(Editor's Note: This article refers to a video interview shot at Interop (News - Alert) 2010. To view TMCnet's entire library of videos from Interop and other industry shows, demonstrations and interviews in our in-house studio, visit our Video News home page.)
At the Interop 2010 show in Las Vegas, TMC's CEO Rich Tehrani had a chance to interview Voltaire's (News - Alert) Vice President of Marketing, Asaf Somekh. The company focuses on what Somekh called the "scale-out data center," and explained what they mean by "scale-out."
There's been a trend over the past few years, Somekh said, "where customers are designing and building new data centers," with hundreds and thousands of servers - he mentioned the recent news that eBay's (News - Alert) building a data center with over 15,000 servers in one center.
"We see this trend growing and growing," he said, adding that when people are building large data centers, "obviously they want to use the commodity element, basically the Intel (News - Alert)-based servers, and use them as building blocks for a data center that will scale and grow by adding more of these elements."

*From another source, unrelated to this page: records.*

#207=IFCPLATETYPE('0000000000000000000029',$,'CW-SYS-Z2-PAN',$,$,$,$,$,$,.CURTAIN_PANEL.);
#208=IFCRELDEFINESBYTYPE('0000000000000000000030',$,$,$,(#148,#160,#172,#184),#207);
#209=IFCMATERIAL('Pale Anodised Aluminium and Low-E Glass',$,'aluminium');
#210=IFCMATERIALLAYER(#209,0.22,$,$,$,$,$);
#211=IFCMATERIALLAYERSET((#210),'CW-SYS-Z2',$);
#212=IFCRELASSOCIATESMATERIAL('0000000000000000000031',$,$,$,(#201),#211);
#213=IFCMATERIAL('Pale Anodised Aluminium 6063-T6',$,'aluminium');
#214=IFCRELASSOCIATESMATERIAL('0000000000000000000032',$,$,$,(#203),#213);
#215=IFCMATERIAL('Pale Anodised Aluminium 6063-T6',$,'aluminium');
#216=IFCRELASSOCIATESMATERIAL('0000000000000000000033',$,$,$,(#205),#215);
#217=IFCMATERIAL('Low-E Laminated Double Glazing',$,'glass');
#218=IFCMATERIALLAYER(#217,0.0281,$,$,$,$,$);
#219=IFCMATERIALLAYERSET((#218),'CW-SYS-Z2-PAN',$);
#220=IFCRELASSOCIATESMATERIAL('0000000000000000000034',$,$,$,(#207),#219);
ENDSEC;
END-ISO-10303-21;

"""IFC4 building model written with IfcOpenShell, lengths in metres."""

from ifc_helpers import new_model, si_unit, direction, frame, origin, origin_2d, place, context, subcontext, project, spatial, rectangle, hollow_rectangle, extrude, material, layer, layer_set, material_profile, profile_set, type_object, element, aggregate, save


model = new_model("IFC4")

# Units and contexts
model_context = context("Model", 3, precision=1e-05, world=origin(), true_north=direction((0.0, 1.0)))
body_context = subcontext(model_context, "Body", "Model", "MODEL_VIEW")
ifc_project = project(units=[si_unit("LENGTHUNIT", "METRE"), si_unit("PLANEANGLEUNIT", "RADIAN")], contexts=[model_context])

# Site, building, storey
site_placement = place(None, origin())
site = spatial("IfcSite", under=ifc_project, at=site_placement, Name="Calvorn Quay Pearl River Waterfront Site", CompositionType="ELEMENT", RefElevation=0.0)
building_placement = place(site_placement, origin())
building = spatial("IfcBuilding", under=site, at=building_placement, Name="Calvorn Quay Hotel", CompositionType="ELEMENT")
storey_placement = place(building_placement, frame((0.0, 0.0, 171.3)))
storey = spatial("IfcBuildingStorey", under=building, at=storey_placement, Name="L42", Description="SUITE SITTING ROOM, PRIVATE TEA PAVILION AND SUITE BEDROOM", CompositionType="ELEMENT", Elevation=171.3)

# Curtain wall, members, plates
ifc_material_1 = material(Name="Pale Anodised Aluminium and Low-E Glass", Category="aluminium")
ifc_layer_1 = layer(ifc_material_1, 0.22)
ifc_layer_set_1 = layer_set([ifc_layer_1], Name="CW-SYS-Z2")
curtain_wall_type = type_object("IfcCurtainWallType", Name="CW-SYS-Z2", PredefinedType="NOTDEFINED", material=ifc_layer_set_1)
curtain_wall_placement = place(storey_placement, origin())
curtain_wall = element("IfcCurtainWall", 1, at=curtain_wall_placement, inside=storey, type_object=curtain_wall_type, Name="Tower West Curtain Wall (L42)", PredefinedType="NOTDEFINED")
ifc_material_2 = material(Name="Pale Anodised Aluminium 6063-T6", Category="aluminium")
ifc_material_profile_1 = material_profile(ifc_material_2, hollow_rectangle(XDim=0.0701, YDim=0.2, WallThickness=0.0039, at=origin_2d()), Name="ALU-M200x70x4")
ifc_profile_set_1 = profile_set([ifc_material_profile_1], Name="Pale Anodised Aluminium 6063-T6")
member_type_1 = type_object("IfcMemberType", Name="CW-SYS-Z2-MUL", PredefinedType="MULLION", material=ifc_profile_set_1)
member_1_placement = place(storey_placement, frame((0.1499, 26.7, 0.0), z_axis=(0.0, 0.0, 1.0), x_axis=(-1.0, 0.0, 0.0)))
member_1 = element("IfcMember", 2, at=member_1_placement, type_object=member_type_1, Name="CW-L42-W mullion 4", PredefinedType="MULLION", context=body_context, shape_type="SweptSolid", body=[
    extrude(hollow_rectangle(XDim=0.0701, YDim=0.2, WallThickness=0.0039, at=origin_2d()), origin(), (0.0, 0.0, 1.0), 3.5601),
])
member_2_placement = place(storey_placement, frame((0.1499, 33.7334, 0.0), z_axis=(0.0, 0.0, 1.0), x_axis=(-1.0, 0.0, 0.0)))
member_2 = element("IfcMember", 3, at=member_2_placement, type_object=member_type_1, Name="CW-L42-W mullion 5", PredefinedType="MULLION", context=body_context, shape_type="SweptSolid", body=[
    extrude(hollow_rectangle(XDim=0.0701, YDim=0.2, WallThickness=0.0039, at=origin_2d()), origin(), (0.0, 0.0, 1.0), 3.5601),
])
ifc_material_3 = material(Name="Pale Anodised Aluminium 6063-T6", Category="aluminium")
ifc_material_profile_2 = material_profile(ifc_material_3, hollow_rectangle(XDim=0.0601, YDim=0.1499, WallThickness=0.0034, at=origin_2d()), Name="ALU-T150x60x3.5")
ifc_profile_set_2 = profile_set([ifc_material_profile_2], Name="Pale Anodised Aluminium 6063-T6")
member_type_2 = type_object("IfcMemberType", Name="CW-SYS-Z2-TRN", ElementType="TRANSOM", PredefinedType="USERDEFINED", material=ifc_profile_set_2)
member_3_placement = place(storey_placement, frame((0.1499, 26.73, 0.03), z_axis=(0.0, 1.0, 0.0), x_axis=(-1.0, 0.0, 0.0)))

Obviously all of these customers use virtualization as well, he noted, "and the combination of virtualization and scale-out really changes the networking landscape." He described Voltaire's approach as "a way to build a data center that is dynamic," where if you need more resources "you add more of those commodity elements. And within the resources that you have, you can actually tunnel resources to a particular application that needs more at a particular time," or take resources from an application that is idle.
"The whole point," he said, "is how can you do it efficiently, how can you do it with the right timing? Because believe me, there's so much manual configuration that is done today, that we hear horrible stories about end users who want three more servers, and they're told well, you'll get them next week."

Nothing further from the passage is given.